A geração atual está se tornando cada vez mais solitária. Lutamos muito pelos direitos individuais, mas pouco pelos interesses coletivos. As culturas antigas tinham forte senso de clã, de tribo, de aldeia. Nós queremos cada vez nossa privacidade e nos isolamos e estamos morrendo na nossa solidão, sem cuidar, e sem sermos cuidados.

 

Em 2018 a Inglaterra criou o “Ministério da Solidão”, e em 2021, o Japão também fez o mesmo. O que está acontecendo? As pessoas antigamente, tinham ideia de comunidade: aldeia, igreja, família maior. Hoje estamos cada vez mais distanciados, vivendo numa bolha e nos afastamos das pessoas. Não gostamos de relacionamentos comunitários. Estamos ficando desamparados e órfãos porque não temos cuidado. O aumento da depressão e das fobias modernas tem a ver com este quadro. O modelo atual adoece. A Solidão mata.

 

Então, considere que eventualmente você precisará de cuidados. Deixe-se ser cuidado. Procure ajuda, não morra no isolamento, não se afaste de sua comunidade. Não seja orgulhoso, deixe que outros estendam a mão e te ajudem nos processos de restauração e cura, se eventualmente você precisar.

 

2.     Envolva-se! Muitos precisam de ajuda - Alegrei-me, sobremaneira, no Senhor porque, agora, uma vez mais, renovastes a meu favor o vosso cuidado!” (Fp 1.10).

 

O povo de Deus precisa cuidar!

 

Se no primeiro tópico consideramos a necessidade de sermos cuidados, no segundo a ênfase é a necessidade de cuidar. Não só esperar que o outro faça algo por nós, mas perguntar como podemos nos preocupar e encorajar outros.

 

Paulo deixa claro como atitude da igreja de Filipos havia sido importante. “Alegrei-me, sobremaneira, no Senhor porque, agora, uma vez mais, renovastes a meu favor o vosso cuidado!” (Fp 1.10).

 

Podemos falar de três tipos de cuidado: 

Físico

Espiritual

Emocional

 

Cuidado físico.

 

Precisamos cuidar do bem-estar físico das pessoas. Cuidar para que as pessoas não passem necessidades, mas sejam protegidas financeiramente. Isto deve acontecer no nível pessoal, institucional e familiar.
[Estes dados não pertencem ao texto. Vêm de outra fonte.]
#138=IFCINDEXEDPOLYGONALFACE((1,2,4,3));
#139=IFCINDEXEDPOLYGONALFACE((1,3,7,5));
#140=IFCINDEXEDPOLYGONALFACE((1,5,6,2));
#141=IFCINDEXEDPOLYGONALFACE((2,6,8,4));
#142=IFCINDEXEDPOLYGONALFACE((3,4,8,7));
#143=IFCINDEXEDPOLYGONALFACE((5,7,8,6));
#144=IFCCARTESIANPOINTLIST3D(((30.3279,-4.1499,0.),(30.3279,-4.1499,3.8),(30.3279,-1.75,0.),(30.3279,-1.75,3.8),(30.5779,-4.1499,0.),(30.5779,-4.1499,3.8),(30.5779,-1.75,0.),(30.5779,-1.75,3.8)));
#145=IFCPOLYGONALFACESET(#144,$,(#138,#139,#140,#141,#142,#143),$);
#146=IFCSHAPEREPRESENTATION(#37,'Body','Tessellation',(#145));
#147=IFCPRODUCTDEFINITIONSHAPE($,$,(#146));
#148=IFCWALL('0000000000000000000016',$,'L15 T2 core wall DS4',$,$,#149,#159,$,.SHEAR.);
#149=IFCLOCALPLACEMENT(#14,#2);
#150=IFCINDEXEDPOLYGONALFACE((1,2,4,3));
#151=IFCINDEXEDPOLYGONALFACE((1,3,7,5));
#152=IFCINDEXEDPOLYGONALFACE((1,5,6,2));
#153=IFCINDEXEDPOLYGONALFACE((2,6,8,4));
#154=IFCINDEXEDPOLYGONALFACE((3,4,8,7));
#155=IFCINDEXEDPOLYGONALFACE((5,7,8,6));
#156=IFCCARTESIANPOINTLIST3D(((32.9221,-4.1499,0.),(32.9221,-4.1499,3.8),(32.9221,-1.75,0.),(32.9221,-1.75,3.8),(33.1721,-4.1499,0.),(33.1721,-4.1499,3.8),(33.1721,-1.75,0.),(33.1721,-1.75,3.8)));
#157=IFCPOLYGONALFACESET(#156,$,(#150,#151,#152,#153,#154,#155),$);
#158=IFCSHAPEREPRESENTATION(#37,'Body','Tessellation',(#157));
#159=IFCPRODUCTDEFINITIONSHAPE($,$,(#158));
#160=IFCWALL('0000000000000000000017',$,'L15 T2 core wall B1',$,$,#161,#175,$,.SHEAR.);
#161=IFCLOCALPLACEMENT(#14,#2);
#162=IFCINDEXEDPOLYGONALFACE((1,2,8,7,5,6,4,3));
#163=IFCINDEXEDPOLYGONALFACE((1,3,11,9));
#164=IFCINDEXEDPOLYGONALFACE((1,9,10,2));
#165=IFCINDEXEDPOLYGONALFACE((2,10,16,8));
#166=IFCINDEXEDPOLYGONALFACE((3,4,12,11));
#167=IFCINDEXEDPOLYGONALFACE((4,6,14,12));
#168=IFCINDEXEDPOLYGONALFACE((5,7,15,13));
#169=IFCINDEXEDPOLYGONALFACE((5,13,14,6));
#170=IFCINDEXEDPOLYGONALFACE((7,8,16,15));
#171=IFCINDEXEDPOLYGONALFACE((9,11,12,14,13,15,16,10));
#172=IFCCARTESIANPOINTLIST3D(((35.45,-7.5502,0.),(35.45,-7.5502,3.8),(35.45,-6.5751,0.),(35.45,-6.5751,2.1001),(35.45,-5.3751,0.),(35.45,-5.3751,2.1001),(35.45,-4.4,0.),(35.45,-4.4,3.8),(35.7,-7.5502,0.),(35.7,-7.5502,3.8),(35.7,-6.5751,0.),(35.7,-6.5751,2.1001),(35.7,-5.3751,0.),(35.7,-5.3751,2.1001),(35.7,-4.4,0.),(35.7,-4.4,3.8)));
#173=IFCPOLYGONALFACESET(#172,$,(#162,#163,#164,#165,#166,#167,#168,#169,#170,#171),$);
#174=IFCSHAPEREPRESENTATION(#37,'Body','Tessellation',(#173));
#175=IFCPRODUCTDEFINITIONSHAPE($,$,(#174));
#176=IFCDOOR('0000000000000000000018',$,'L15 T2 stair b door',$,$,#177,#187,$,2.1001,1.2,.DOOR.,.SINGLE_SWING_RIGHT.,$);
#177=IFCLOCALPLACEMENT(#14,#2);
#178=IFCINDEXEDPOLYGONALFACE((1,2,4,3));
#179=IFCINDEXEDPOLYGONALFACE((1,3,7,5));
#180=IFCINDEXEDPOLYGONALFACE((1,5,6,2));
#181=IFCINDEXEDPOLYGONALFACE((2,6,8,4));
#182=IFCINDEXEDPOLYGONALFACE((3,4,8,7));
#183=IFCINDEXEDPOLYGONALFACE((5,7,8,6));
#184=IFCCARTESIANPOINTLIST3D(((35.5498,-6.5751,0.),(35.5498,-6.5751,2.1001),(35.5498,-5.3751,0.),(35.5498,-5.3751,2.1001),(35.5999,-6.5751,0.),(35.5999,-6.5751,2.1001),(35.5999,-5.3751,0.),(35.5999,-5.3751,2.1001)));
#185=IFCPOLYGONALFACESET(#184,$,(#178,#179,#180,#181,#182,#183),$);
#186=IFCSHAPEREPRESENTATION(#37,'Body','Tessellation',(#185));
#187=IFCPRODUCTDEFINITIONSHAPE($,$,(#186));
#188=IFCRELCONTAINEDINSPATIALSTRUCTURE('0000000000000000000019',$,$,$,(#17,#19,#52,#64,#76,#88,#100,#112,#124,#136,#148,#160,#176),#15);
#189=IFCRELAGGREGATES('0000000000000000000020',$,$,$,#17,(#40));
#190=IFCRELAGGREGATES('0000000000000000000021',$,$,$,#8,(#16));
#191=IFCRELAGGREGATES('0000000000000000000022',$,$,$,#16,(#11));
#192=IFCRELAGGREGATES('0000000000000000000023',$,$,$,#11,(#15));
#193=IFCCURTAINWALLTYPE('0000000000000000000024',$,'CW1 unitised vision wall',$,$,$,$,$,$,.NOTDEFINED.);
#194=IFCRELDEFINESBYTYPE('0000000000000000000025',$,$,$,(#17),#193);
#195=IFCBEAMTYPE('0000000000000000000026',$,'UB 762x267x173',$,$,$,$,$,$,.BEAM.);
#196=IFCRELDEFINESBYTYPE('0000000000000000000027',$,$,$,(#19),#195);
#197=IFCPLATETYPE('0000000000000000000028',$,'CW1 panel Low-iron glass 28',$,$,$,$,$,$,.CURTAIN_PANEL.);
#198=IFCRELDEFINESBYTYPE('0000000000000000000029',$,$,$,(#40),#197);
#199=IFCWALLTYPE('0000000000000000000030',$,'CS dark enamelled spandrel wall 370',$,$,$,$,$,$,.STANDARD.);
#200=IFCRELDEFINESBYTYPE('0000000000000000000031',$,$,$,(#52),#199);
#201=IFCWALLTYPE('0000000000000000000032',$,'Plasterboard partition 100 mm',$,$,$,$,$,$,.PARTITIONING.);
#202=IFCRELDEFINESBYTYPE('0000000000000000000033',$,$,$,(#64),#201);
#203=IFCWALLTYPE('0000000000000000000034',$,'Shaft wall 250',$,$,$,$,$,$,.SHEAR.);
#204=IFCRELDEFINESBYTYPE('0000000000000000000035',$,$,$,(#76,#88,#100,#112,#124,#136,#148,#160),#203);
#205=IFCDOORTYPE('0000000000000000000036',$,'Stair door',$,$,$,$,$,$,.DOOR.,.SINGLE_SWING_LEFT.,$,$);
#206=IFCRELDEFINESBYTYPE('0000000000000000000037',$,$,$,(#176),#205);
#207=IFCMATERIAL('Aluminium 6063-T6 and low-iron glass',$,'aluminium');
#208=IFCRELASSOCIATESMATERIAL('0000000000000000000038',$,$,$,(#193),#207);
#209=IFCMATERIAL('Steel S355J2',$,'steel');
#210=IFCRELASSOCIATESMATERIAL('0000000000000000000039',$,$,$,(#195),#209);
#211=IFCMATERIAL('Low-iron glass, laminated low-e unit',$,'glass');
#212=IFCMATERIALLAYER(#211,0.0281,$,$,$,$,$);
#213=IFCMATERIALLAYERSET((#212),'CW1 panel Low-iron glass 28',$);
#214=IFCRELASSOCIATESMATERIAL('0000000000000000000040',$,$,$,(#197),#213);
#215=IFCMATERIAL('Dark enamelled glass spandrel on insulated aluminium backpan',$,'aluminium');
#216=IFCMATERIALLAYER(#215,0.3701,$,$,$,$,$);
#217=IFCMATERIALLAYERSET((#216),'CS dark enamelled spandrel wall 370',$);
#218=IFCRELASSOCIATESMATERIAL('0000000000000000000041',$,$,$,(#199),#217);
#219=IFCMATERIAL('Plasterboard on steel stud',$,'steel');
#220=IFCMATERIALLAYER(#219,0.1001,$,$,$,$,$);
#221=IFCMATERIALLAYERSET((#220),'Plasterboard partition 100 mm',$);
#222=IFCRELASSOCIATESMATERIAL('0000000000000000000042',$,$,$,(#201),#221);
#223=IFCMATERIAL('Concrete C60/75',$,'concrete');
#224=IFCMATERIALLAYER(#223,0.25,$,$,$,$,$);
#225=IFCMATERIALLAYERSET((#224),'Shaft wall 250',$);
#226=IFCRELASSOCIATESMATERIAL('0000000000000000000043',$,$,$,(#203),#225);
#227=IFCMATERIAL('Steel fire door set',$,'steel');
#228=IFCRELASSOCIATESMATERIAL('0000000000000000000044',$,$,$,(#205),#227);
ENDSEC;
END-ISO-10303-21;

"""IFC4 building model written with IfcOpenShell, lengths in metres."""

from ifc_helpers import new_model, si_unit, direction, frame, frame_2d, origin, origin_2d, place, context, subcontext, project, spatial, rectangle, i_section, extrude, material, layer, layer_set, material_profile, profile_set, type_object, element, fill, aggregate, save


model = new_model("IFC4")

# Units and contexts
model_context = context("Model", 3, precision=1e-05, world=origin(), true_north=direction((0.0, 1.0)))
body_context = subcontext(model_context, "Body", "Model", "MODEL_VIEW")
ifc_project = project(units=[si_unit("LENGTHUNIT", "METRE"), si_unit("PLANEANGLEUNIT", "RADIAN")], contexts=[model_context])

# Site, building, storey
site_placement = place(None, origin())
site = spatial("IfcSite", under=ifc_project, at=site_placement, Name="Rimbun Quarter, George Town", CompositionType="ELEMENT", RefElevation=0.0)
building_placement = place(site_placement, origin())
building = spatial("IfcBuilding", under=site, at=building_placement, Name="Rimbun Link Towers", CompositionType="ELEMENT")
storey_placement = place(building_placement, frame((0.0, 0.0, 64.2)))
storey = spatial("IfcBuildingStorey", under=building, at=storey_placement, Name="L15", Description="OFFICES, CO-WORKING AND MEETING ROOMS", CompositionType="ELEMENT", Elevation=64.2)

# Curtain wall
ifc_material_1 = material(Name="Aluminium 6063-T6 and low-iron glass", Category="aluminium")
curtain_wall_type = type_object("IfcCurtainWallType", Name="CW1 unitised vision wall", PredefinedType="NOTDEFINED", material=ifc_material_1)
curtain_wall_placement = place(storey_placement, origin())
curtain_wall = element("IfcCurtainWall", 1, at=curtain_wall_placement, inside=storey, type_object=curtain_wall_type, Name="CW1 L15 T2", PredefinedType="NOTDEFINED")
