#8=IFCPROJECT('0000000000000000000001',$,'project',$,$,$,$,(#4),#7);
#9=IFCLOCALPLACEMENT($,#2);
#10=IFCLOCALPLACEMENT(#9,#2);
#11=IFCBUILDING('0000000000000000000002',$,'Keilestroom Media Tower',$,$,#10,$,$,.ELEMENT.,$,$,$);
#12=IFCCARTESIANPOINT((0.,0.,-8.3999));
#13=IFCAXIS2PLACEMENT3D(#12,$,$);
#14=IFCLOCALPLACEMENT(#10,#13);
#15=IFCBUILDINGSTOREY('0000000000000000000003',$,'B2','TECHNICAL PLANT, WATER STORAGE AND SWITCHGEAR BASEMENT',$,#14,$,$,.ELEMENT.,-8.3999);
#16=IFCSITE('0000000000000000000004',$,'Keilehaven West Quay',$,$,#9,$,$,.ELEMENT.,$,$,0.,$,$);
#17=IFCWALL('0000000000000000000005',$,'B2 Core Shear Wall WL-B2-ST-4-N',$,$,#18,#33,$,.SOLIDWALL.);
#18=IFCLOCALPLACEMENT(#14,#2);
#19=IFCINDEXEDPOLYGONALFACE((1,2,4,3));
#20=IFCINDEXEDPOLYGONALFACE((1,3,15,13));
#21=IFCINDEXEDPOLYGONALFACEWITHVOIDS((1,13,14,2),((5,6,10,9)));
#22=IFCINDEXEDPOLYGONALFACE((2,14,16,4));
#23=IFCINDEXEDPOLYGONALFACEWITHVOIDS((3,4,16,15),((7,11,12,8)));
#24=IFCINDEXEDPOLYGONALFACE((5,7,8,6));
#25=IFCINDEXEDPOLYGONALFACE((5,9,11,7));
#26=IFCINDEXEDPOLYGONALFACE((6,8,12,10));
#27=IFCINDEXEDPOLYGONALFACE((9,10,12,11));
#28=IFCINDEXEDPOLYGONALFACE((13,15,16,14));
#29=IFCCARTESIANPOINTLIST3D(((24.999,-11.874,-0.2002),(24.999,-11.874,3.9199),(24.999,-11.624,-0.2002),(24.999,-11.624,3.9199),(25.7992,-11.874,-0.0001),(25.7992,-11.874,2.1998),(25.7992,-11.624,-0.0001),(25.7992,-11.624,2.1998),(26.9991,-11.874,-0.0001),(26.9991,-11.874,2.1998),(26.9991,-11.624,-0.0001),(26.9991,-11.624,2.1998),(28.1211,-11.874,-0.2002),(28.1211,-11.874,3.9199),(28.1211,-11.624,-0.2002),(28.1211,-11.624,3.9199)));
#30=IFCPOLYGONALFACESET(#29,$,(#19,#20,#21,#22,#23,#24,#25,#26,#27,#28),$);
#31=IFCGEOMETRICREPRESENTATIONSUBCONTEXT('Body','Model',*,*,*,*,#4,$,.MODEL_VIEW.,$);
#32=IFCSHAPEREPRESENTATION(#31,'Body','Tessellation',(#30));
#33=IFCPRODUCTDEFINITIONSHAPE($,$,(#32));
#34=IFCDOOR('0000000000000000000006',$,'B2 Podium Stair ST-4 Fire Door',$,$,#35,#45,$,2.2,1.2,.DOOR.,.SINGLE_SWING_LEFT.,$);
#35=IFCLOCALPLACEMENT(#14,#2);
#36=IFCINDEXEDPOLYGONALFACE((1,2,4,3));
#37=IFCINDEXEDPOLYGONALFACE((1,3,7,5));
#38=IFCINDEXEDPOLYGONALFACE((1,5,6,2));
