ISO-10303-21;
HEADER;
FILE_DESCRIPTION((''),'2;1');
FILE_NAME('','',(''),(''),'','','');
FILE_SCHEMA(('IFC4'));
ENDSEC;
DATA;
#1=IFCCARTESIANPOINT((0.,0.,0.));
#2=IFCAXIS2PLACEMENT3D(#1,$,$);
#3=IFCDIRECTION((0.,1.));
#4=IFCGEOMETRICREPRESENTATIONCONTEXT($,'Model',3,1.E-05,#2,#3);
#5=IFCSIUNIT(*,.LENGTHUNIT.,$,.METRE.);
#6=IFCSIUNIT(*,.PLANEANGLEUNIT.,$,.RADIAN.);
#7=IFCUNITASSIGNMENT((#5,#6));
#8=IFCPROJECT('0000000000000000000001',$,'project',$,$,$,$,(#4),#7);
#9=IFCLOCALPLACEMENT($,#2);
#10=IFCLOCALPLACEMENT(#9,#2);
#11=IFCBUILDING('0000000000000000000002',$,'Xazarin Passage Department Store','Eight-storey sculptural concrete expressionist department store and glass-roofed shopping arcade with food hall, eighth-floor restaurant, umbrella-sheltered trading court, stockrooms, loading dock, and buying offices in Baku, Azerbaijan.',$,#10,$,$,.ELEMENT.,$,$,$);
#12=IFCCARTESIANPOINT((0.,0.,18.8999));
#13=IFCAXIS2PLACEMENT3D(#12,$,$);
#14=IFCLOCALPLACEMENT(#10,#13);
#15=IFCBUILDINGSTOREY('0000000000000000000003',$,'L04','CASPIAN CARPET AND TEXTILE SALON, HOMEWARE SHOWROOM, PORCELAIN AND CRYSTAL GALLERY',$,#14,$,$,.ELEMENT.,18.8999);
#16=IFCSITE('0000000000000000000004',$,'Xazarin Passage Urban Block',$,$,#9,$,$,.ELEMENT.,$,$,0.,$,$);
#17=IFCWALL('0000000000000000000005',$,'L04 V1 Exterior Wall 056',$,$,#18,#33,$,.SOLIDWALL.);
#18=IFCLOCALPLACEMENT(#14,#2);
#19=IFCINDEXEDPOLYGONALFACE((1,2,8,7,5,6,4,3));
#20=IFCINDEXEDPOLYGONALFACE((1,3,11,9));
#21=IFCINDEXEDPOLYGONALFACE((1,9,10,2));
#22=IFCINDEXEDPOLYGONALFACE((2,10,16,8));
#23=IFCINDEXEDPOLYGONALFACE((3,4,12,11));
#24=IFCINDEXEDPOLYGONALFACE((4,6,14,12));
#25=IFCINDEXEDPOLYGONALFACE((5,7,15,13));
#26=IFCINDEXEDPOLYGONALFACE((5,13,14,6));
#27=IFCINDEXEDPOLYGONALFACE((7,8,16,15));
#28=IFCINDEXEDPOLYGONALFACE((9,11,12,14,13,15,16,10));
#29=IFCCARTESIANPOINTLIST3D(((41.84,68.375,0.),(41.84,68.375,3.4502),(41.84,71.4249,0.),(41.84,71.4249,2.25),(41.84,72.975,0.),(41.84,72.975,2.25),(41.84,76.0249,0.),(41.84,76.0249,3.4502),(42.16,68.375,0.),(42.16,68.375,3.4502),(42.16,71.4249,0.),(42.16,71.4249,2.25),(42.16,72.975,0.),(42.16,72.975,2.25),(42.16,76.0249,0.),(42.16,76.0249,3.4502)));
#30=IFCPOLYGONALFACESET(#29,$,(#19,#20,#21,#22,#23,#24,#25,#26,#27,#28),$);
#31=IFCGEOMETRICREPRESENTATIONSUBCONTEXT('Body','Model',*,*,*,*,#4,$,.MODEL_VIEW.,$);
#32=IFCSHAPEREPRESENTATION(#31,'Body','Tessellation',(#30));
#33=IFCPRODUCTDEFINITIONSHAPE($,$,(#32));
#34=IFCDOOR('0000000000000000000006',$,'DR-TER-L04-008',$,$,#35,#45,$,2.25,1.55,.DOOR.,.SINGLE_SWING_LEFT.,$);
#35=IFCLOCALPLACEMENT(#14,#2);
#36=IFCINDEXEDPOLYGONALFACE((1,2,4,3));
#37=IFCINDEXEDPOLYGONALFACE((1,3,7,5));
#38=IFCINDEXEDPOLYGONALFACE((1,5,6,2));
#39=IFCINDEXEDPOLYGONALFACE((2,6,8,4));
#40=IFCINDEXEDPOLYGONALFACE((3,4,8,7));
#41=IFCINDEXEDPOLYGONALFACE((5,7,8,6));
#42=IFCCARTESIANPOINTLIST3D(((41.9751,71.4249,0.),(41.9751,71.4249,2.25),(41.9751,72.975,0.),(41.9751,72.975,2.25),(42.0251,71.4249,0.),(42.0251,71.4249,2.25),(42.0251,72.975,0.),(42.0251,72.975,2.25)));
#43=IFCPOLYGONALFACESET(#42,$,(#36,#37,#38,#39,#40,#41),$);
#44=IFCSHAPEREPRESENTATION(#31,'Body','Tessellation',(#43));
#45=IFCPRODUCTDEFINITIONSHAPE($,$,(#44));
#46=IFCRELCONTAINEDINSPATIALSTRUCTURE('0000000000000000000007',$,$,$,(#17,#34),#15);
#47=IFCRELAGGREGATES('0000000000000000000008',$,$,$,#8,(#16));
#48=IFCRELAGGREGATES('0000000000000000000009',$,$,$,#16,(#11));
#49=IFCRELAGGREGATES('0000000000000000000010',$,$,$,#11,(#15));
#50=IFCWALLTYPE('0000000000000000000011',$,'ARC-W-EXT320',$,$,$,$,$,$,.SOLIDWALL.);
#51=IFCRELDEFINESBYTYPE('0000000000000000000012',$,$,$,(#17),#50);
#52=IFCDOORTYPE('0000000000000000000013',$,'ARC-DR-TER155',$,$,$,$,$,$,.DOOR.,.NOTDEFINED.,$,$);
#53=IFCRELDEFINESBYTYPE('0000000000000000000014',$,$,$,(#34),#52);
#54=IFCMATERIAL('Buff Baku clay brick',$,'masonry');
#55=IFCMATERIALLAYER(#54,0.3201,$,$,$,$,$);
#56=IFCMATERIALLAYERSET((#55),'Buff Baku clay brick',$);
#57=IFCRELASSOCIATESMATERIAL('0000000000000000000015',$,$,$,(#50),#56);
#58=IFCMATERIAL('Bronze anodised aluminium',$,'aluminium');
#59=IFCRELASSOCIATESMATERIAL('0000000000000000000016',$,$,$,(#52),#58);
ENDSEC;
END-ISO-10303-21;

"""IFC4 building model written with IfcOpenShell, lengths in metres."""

from ifc_helpers import new_model, si_unit, direction, frame, frame_2d, origin, place, context, subcontext, project, spatial, rectangle, extrude, material, layer, layer_set, type_object, element, fill, save


model = new_model("IFC4")

# Units and contexts
model_context = context("Model", 3, precision=1e-05, world=origin(), true_north=direction((0.0, 1.0)))
body_context = subcontext(model_context, "Body", "Model", "MODEL_VIEW")
ifc_project = project(units=[si_unit("LENGTHUNIT", "METRE"), si_unit("PLANEANGLEUNIT", "RADIAN")], contexts=[model_context])

# Site, building, storey
site_placement = place(None, origin())
site = spatial("IfcSite", under=ifc_project, at=site_placement, Name="Xazarin Passage Urban Block", CompositionType="ELEMENT", RefElevation=0.0)
building_placement = place(site_placement, origin())
building = spatial("IfcBuilding", under=site, at=building_placement, Name="Xazarin Passage Department Store", Description="Eight-storey sculptural concrete expressionist department store and glass-roofed shopping arcade with food hall, eighth-floor restaurant, umbrella-sheltered trading court, stockrooms, loading dock, and buying offices in Baku, Azerbaijan.", CompositionType="ELEMENT")
storey_placement = place(building_placement, frame((0.0, 0.0, 18.8999)))
storey = spatial("IfcBuildingStorey", under=building, at=storey_placement, Name="L04", Description="CASPIAN CARPET AND TEXTILE SALON, HOMEWARE SHOWROOM, PORCELAIN AND CRYSTAL GALLERY", CompositionType="ELEMENT", Elevation=18.8999)

# Shared definitions
ifc_material_1 = material(Name="Bronze anodised aluminium", Category="aluminium")

# Wall, opening, door
ifc_material_2 = material(Name="Buff Baku clay brick", Category="masonry")
ifc_layer_1 = layer(ifc_material_2, 0.3201)
ifc_layer_set_1 = layer_set([ifc_layer_1], Name="Buff Baku clay brick")
wall_type = type_object("IfcWallType", Name="ARC-W-EXT320", PredefinedType="SOLIDWALL", material=ifc_layer_set_1)
wall_placement = place(storey_placement, frame((42.0, 68.375, 0.0), z_axis=(0.0, 0.0, 1.0), x_axis=(0.0, 1.0, 0.0)))
wall = element("IfcWall", 1, at=wall_placement, inside=storey, type_object=wall_type, Name="L04 V1 Exterior Wall 056", PredefinedType="SOLIDWALL", context=body_context, shape_type="SweptSolid", body=[
    extrude(rectangle(XDim=7.6499, YDim=0.3201, at=frame_2d((3.825, 0.0))), origin(), (0.0, 0.0, 1.0), 3.4502),
])
opening_placement = place(wall_placement, frame((3.05, 0.0, 0.0)))
opening = element("IfcOpeningElement", 2, at=opening_placement, cuts=wall, PredefinedType="OPENING", context=body_context, shape_type="SweptSolid", body=[
    extrude(rectangle(XDim=1.55, YDim=2.25, at=frame_2d((0.7749, 1.125))), frame((0.0, 0.1699, 0.0), z_axis=(0.0, -1.0, 0.0), x_axis=(1.0, 0.0, 0.0)), (0.0, 0.0, 1.0), 0.3401),
])
door_type = type_object("IfcDoorType", Name="ARC-DR-TER155", OperationType="NOTDEFINED", PredefinedType="DOOR", material=ifc_material_1)
door_placement = place(opening_placement, origin())
door = element("IfcDoor", 3, at=door_placement, inside=storey, type_object=door_type, Name="DR-TER-L04-008", OperationType="SINGLE_SWING_LEFT", OverallHeight=2.25, OverallWidth=1.55, PredefinedType="DOOR", context=body_context, shape_type="SweptSolid", body=[
    extrude(rectangle(XDim=1.55, YDim=2.25, at=frame_2d((0.7749, 1.125))), frame((0.0, 0.0249, 0.0), z_axis=(0.0, -1.0, 0.0), x_axis=(1.0, 0.0, 0.0)), (0.0, 0.0, 1.0), 0.05),
])
fill(opening, door)

save(model, "model.ifc")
Sabemos que muitas vezes o desequilíbrio financeiro pode acontecer por falta de planejamento, mas eventualmente a enfermidade e o desemprego, podem gerar situações difíceis.

 

Quando a pandemia do Covid-19 começou, não sabíamos muito bem quais seriam os efeitos com o isolamento social. No início do ano 2020, todos estávamos fragilizados com a situação. Conversei com o conselho da igreja e liguei para as três igrejas mais pobres de nosso presbitério para pedir que não deixassem que faltassem nada para eles e nem para seus membros. Um dos pastores chorou ao telefone. Nós tínhamos reservas, e se necessário fosse, poderíamos socorrer aos irmãos mais pobres da periferia da cidade. Ninguém nos procurou pedindo ajuda, mas estávamos dispostos a cuidar uns dos outros. Houve muito movimento de solidariedade. Membros da igreja ligavam para os líderes da Junta Diaconal, perguntando se havia alguém com necessidade, pois queriam ajudar. Pessoas de fora da igreja, mas que conheciam o trabalho dos diáconos da igreja, chegaram a depositar boa quantidade de dinheiro na conta da Junta para ajudar os necessitados.

 

Precisamos cuidar fisicamente uns dos outros. Como diz a Lei: “para que não haja pobres no meio de ti”, (Dt 15.3) como Deus ordenou ao povo de Israel. “Quando entre ti houver algum pobre de teus irmãos, em alguma das tuas cidades, na terra que o Senhor, seu deus, te dá, não endurecerás o teu coração, nem fecharás a mão ao teu irmão pobre.” (Dt 15.7)

 

Cuidado espiritual

Quem pastoreia a igreja?

Em geral pensamos em pastoreio na perspectiva institucional, mas deveríamos pensar não na perspectiva do ofício, mas dos dons. Uma coisa é o ofício pastoral, que se refere aos que passam pelos seminários, recebem treinamento e são ordenados. Outra coisa são os dons. Quem tem alma pastoral? Quem gosta do rebanho, se preocupa e cuida do rebanho?

 

Neste sentido fica a pergunta: Quem são os pastores da igreja?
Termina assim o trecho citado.